A: In a simplified diatomic molecule model approximation electronic and nuclear motions can essentially be treated independently because of the small ratio of the electron mass with respect to the nuclear mass $m_e/M_{nucl}\simeq 10^{-3}-10^{-5}$. The translational motion can be separated by introducing the centre of mass, which moves as a free particle. The other motions involved are the vibrational and the rotational ones.
In the high temperature limit, it can be shown that the quantum (q) vibrational and rotational partition functions tend to the classical ones (c).
$$Q_{vib}^{q}=\sum_{n=0}^{\infty}e^{-\beta \hbar \omega(n+1/2)}=\frac{e^{-\beta \hbar \omega/2}}{1-e^{-\beta \hbar \omega}}\rightarrow Q_{vib}^{c}=\frac{kT}{\hbar\omega}$$
The quantum rotational partition function can be written using the allowed values of the angular momentum:
$$Q_{rot}^{q}=\sum_{l=0}(2l+1)e^{-\beta \hbar^2 l(l+1)/2I}$$
For sufficiently high values of $T$, the terms in this equation vary slowly and the sum can be replaced by an integral of the form
$$Q_{rot}^{q}\rightarrow \int_{0}^{\infty}dx \ (2x+1)e^{-\beta \hbar^2 x(x+1)/2I}=\frac{2I kT}{\hbar^2}=Q_{rot}^{c}$$
Determining the temperature at which molecules begin to behave classically requires some complicated calculations, in general it depends on the specific volume $v_s=V/N$ available to the molecule and on the thermal volume $v_t=\lambda^3$ (or also De Broglie thermal wavelenght cubed). We get the classical regime when $v_s>v_t$.

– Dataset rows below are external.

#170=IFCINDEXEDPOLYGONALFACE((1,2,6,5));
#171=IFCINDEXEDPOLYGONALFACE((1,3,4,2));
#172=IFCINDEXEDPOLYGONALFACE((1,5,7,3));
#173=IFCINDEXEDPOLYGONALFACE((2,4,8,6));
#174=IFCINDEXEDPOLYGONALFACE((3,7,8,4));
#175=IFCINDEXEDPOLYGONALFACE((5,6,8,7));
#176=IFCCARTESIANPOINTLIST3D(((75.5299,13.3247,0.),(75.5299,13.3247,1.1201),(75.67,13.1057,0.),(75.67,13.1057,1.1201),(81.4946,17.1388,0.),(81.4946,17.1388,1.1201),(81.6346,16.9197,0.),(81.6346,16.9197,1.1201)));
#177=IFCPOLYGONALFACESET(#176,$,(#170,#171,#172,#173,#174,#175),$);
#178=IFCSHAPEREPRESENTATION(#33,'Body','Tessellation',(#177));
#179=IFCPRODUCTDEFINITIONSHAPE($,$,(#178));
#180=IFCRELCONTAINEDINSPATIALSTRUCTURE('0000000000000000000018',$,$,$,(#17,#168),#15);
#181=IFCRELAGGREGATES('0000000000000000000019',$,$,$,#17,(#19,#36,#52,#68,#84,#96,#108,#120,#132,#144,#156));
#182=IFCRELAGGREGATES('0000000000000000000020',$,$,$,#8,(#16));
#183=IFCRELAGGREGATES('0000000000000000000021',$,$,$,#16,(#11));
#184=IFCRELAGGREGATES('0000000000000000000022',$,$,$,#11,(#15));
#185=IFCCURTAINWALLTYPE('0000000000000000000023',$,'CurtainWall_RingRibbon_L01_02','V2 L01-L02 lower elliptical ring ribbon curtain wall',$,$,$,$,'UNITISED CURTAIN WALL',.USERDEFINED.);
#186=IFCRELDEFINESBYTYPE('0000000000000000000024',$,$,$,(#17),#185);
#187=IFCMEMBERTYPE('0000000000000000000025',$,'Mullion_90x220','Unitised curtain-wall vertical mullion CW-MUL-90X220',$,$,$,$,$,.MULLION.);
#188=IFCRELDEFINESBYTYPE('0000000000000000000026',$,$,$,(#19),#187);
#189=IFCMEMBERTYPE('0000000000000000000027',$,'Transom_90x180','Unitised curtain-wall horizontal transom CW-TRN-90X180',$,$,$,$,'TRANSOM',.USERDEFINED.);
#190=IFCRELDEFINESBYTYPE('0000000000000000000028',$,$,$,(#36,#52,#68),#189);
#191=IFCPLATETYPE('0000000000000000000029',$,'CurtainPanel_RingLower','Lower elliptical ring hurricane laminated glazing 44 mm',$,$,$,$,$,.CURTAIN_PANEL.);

A: This answer won't be very technical, but I'll try to be helpful with a rather elementary explanation that is intuitive. If the gasses particles all have high kinetic energy (also just known as heat/temperature), then they will more or less collied with each other perfectly elastically. If the gas particles had lower kinetic energy, then the particles' Van der Waals forces (Dipole attractions and/or dispersion forces) could cause the particles to stick together, making the collision somewhat inelastic. Liquids consist of inelastic collisions.
When particles are colliding perfectly elastically, we can predict them quite well with statistical models, such as the Maxwell-Boltzmann distribution.
I hope this helps, let me know if you need any clarification.